Bei der Firma Meister stößt der Rummel um die Person von Ingrid Metz auf wenig Verständnis. Schließlich gibt es viele Ansager. In der Tag hat Ingrid Metz keine Monopolstellung bei der BVG. In der Straßenbahn kommt eine Nachrichtensprecherin vom SFB zu Wort. Bei Bussen dagegen werden die Ansagen von den Fahrern persönlich durchgegeben. Dass kaum Männer für die Aufnahmen engagiert werden, hat einen einfachen Grund. „Die Frequenz der Stimmen muss sich von den Störgeräuschen in den Bahnen unterscheiden“, sagt Betriebsleiter Wolfgang Seifert von der Firma Meister.
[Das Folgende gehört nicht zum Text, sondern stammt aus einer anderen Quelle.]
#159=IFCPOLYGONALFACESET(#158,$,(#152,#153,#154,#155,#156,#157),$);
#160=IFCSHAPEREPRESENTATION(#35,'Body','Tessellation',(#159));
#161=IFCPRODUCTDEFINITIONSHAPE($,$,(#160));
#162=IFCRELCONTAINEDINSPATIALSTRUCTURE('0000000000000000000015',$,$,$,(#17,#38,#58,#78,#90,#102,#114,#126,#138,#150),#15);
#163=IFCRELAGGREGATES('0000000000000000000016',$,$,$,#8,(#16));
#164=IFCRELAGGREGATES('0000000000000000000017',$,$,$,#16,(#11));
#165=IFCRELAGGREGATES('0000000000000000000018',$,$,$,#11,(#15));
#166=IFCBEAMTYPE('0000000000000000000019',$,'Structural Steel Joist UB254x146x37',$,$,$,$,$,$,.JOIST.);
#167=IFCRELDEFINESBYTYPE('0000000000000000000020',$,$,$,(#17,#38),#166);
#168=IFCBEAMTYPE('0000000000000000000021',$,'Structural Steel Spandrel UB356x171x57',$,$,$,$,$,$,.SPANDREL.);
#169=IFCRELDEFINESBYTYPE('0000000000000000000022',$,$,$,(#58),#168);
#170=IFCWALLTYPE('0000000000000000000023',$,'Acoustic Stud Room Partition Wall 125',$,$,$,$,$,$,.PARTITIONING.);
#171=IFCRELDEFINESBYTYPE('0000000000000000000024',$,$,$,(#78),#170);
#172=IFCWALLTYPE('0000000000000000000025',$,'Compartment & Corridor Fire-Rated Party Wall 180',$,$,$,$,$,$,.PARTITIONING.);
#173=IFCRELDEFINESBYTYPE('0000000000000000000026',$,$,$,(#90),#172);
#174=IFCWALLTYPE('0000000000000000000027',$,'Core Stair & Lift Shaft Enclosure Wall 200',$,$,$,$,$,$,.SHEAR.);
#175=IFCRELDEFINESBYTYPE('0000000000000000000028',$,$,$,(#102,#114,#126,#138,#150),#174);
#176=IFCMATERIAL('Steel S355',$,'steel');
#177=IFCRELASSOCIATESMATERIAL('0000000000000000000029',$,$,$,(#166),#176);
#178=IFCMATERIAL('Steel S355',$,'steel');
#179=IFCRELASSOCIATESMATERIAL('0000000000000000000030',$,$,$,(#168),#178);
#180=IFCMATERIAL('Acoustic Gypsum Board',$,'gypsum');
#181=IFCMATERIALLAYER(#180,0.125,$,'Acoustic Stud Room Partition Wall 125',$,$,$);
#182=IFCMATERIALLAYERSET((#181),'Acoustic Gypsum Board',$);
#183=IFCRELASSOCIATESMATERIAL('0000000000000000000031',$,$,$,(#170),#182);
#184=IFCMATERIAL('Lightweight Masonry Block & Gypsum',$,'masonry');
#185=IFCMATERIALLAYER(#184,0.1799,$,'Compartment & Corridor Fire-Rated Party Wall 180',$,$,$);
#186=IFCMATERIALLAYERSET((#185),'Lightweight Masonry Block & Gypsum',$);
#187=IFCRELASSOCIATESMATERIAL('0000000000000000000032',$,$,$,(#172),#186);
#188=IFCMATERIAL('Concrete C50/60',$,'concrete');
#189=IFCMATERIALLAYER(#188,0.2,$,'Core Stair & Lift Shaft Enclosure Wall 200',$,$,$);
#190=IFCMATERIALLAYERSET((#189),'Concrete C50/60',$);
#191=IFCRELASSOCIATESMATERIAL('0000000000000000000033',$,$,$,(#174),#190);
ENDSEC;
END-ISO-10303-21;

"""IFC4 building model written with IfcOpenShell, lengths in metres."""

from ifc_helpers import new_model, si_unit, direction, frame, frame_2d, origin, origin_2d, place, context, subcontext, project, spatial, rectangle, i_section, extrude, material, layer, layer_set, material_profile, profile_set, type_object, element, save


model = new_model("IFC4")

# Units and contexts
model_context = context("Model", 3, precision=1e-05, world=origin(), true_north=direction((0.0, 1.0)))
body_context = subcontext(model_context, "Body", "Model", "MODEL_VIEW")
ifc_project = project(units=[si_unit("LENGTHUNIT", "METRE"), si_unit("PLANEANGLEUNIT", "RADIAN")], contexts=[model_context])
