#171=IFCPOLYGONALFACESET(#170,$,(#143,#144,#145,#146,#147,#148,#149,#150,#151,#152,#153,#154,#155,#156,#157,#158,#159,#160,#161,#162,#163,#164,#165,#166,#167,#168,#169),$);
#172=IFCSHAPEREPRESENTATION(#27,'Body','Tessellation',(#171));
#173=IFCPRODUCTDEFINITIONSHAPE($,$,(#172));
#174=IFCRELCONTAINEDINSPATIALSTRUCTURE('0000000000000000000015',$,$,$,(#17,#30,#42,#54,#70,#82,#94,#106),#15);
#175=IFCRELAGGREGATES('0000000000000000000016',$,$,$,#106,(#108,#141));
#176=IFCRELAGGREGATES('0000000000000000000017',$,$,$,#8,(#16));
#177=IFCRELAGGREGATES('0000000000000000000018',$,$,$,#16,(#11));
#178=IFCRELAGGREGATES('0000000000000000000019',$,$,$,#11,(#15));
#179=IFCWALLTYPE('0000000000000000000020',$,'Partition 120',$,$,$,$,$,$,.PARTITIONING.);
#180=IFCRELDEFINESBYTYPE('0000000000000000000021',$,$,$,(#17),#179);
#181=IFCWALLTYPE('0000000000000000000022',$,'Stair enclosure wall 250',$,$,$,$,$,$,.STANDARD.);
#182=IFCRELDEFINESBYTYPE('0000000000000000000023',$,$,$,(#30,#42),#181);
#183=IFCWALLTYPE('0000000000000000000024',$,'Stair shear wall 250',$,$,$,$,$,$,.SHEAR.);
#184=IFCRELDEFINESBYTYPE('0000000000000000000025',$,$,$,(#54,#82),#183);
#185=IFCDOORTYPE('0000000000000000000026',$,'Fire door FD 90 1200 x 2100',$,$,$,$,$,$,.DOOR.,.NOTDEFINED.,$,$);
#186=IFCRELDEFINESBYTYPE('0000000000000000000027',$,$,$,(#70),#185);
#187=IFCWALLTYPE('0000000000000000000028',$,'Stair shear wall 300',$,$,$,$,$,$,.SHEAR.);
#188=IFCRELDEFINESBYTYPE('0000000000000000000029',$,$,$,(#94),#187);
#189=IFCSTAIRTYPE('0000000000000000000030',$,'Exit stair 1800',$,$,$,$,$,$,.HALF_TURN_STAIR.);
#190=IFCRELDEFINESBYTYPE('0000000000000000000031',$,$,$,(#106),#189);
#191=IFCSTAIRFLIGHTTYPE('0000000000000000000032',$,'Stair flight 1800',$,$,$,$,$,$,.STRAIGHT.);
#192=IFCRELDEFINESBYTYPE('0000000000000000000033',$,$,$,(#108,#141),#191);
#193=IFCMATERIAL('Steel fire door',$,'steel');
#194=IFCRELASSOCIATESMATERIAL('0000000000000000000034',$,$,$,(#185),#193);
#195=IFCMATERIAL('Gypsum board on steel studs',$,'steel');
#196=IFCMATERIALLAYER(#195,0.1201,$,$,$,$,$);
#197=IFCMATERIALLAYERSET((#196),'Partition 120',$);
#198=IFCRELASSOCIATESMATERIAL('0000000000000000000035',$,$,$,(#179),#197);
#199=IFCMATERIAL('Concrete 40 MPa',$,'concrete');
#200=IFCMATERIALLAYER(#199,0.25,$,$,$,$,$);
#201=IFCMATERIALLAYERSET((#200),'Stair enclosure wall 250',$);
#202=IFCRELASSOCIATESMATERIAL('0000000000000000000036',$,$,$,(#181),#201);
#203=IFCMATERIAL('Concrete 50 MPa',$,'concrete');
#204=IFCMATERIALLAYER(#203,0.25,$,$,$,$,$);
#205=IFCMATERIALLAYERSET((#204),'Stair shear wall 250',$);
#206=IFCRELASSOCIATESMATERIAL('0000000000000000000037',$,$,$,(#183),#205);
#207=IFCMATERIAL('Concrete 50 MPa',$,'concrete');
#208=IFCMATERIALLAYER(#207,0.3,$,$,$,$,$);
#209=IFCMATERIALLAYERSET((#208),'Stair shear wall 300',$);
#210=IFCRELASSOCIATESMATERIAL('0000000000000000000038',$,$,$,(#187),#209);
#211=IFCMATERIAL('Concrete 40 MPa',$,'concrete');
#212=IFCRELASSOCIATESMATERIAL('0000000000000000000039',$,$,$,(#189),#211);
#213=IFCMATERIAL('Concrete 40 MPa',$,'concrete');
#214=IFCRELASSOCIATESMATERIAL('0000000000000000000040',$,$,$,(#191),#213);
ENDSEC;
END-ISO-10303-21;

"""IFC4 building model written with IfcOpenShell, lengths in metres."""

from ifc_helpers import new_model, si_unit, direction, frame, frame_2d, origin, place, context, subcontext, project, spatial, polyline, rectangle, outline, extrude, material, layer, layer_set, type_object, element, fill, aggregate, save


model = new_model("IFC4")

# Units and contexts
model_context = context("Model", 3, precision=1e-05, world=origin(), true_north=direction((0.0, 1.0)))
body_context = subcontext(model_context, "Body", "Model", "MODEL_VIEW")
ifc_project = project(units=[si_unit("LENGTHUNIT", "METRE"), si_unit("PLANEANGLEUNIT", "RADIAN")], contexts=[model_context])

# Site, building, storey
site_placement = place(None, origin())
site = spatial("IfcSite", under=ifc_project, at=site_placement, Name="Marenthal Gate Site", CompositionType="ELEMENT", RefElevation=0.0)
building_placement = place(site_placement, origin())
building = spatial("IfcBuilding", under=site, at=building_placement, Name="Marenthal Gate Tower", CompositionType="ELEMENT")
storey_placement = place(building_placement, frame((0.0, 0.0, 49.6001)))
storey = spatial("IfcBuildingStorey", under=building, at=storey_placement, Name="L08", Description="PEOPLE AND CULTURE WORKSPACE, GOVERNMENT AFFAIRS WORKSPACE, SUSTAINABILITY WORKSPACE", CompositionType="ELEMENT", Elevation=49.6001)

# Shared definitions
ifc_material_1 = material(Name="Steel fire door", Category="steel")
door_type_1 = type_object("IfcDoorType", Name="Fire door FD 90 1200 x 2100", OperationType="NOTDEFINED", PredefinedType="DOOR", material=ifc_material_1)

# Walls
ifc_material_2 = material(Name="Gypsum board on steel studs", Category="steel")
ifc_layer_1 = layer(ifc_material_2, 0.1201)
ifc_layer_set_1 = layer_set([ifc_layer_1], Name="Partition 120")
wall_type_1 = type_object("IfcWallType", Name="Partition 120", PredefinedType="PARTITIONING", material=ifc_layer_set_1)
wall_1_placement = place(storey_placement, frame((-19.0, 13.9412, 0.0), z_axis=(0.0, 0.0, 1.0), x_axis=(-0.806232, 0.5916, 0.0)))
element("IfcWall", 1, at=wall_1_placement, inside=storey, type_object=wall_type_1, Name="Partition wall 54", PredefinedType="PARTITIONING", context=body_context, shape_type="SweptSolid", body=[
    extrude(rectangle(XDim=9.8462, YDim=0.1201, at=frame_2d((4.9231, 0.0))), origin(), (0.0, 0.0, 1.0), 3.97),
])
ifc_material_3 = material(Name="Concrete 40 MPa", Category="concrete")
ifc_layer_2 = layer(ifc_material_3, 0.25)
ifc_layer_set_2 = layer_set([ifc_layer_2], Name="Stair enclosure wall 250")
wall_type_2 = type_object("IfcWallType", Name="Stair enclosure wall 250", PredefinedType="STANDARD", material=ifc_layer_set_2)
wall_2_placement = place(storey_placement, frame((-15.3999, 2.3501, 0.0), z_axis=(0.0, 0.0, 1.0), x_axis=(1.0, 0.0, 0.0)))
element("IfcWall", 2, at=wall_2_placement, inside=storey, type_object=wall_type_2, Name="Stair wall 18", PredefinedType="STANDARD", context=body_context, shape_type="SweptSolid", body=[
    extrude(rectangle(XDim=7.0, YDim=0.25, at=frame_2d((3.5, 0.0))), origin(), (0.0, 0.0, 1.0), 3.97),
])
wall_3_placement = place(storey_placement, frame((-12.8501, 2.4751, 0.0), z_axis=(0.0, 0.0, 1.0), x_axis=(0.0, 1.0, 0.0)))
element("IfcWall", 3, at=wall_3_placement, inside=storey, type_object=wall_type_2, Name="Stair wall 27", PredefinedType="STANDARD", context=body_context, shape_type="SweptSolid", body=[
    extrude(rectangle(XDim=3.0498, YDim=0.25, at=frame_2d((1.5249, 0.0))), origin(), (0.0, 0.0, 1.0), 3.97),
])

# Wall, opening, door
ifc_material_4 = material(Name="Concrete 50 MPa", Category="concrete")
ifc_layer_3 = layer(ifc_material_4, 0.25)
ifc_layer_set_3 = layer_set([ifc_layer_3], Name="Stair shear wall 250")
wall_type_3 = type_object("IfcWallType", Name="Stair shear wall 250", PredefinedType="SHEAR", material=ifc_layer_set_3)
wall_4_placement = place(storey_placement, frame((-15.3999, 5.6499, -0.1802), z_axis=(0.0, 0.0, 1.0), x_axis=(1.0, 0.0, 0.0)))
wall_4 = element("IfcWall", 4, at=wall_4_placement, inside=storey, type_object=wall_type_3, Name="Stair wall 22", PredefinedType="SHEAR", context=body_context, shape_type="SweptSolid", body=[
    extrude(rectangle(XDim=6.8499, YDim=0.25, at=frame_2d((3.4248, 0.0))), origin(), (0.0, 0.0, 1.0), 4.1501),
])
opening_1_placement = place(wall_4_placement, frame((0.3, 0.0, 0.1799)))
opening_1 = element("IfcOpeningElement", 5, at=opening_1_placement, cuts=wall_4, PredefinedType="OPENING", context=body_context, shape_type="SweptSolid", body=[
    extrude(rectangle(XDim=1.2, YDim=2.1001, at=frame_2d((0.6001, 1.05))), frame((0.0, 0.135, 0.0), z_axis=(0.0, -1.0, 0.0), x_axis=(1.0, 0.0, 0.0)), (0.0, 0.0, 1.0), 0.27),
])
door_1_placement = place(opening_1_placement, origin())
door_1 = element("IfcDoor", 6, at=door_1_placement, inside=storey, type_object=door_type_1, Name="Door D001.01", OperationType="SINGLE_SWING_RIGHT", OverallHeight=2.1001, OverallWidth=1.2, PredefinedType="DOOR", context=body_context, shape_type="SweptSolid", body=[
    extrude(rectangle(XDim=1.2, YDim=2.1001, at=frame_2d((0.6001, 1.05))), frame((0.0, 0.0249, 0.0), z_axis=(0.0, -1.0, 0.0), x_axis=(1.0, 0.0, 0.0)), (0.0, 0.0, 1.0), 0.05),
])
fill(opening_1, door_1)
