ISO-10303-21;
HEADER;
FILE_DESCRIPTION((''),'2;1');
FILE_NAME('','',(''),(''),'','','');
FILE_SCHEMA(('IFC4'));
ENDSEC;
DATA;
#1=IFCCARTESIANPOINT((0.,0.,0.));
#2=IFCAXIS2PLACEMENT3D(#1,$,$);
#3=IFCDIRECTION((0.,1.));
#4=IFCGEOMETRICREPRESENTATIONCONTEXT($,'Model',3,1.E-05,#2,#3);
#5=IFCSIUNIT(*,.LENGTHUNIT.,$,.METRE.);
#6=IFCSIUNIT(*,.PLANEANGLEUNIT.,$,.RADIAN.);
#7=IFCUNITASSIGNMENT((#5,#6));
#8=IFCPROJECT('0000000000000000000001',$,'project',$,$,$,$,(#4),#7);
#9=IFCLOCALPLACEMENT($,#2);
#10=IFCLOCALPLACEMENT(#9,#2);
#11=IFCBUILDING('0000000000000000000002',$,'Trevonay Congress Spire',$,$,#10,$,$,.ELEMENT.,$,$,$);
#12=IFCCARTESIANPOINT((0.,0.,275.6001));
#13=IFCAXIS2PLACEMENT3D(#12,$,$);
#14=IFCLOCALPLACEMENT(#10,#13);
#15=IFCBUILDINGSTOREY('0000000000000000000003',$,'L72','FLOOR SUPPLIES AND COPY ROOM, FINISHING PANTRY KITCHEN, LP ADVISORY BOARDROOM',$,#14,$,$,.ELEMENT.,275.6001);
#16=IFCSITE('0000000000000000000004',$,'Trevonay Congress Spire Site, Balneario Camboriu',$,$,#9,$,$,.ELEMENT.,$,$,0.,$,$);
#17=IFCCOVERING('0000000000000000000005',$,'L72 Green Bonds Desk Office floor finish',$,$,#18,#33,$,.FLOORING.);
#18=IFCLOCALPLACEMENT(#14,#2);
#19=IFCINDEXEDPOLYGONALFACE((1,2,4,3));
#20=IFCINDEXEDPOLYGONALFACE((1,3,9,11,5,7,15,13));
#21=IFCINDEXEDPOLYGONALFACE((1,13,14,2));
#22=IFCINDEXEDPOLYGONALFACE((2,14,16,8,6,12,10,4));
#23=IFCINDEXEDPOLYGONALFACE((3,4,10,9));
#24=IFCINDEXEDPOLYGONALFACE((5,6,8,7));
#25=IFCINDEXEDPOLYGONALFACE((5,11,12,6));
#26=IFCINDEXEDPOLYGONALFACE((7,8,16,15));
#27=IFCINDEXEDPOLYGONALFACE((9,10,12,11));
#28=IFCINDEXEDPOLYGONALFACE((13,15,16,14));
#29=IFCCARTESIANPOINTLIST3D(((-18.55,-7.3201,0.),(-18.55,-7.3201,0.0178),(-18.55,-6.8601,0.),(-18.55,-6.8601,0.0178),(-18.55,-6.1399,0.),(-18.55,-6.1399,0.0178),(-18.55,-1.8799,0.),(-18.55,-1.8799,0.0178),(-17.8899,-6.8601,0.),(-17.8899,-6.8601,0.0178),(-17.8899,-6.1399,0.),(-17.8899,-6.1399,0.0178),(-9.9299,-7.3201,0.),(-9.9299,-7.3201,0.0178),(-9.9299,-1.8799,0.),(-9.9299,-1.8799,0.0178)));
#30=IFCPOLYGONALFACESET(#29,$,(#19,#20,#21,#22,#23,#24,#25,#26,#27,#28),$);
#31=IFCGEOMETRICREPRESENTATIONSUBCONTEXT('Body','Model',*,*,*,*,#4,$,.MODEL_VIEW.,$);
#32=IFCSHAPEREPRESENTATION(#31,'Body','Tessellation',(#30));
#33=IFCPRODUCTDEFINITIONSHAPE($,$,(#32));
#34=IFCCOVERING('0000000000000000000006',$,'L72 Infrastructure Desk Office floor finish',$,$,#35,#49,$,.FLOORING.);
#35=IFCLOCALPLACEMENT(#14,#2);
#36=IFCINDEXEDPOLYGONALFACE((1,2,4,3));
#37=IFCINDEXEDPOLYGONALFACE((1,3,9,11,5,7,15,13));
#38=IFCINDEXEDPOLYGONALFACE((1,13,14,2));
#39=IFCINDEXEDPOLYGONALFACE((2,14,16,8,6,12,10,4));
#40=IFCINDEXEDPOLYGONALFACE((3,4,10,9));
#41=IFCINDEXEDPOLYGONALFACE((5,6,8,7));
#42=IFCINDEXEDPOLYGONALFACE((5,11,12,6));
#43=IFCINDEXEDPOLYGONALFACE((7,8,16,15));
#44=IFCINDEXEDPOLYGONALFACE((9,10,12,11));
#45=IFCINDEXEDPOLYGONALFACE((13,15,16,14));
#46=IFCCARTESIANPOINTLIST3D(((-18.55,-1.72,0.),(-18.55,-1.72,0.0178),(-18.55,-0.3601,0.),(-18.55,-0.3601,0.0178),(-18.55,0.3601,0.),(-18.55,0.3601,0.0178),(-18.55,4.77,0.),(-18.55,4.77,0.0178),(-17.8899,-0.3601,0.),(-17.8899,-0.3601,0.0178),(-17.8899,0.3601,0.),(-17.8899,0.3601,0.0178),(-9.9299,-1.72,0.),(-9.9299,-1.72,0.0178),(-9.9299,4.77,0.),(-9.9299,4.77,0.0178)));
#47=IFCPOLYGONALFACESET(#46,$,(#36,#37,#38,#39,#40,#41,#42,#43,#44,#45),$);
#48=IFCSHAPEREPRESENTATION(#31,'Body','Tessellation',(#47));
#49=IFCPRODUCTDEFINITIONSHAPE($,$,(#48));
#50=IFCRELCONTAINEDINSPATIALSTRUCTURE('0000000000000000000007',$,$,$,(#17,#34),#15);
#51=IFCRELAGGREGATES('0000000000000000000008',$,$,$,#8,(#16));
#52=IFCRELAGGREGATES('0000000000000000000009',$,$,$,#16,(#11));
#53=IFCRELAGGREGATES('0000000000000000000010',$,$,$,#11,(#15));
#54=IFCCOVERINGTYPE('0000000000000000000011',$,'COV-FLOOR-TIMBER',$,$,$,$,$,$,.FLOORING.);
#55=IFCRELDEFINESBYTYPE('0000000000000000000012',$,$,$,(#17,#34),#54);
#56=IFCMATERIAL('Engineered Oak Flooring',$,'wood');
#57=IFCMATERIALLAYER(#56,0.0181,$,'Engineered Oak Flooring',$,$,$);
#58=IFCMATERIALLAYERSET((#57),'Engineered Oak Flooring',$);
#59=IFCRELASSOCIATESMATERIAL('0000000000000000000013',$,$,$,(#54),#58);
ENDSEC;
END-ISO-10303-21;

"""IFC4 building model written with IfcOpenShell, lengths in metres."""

from ifc_helpers import new_model, si_unit, direction, frame, origin, place, context, subcontext, project, spatial, polyline, outline, extrude, material, layer, layer_set, type_object, element, save


model = new_model("IFC4")

# Units and contexts
model_context = context("Model", 3, precision=1e-05, world=origin(), true_north=direction((0.0, 1.0)))
body_context = subcontext(model_context, "Body", "Model", "MODEL_VIEW")
ifc_project = project(units=[si_unit("LENGTHUNIT", "METRE"), si_unit("PLANEANGLEUNIT", "RADIAN")], contexts=[model_context])

# Site, building, storey
site_placement = place(None, origin())
site = spatial("IfcSite", under=ifc_project, at=site_placement, Name="Trevonay Congress Spire Site, Balneario Camboriu", CompositionType="ELEMENT", RefElevation=0.0)
building_placement = place(site_placement, origin())
building = spatial("IfcBuilding", under=site, at=building_placement, Name="Trevonay Congress Spire", CompositionType="ELEMENT")
storey_placement = place(building_placement, frame((0.0, 0.0, 275.6001)))
storey = spatial("IfcBuildingStorey", under=building, at=storey_placement, Name="L72", Description="FLOOR SUPPLIES AND COPY ROOM, FINISHING PANTRY KITCHEN, LP ADVISORY BOARDROOM", CompositionType="ELEMENT", Elevation=275.6001)

# Coverings
ifc_material_1 = material(Name="Engineered Oak Flooring", Category="wood")
ifc_layer_1 = layer(ifc_material_1, 0.0181, Name="Engineered Oak Flooring")
ifc_layer_set_1 = layer_set([ifc_layer_1], Name="Engineered Oak Flooring")
covering_type_1 = type_object("IfcCoveringType", Name="COV-FLOOR-TIMBER", PredefinedType="FLOORING", material=ifc_layer_set_1)
covering_1_placement = place(storey_placement, origin())
element("IfcCovering", 1, at=covering_1_placement, inside=storey, type_object=covering_type_1, Name="L72 Green Bonds Desk Office floor finish", PredefinedType="FLOORING", context=body_context, shape_type="SweptSolid", body=[
    extrude(outline(polyline([(-18.55, -1.8799), (-9.9299, -1.8799), (-9.9299, -7.3201), (-18.55, -7.3201), (-18.55, -6.8601), (-17.8899, -6.8601), (-17.8899, -6.1399), (-18.55, -6.1399), (-18.55, -1.8799)])), origin(), (0.0, 0.0, 1.0), 0.0178),
])
covering_2_placement = place(storey_placement, origin())
element("IfcCovering", 2, at=covering_2_placement, inside=storey, type_object=covering_type_1, Name="L72 Infrastructure Desk Office floor finish", PredefinedType="FLOORING", context=body_context, shape_type="SweptSolid", body=[
    extrude(outline(polyline([(-18.55, 4.77), (-9.9299, 4.77), (-9.9299, -1.72), (-18.55, -1.72), (-18.55, -0.3601), (-17.8899, -0.3601), (-17.8899, 0.3601), (-18.55, 0.3601), (-18.55, 4.77)])), origin(), (0.0, 0.0, 1.0), 0.0178),
])

save(model, "model.ifc")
Derzeit spricht Ingrid Metz kaum noch. Das eigene Studio, in dem pro Jahr über 200 Filme synchronisiert werden, will organisiert sein. Erst wenn in Berlin Aufnahmen nachgebessert werden müssen oder neue Stationen freigegeben werden, kommt wieder Arbeit auf sie zu. Dann könnte die Ansage „Nächster Bahnhof Bundeskanzleramt“ lauten. Aber das wird wohl noch eine Weile dauern.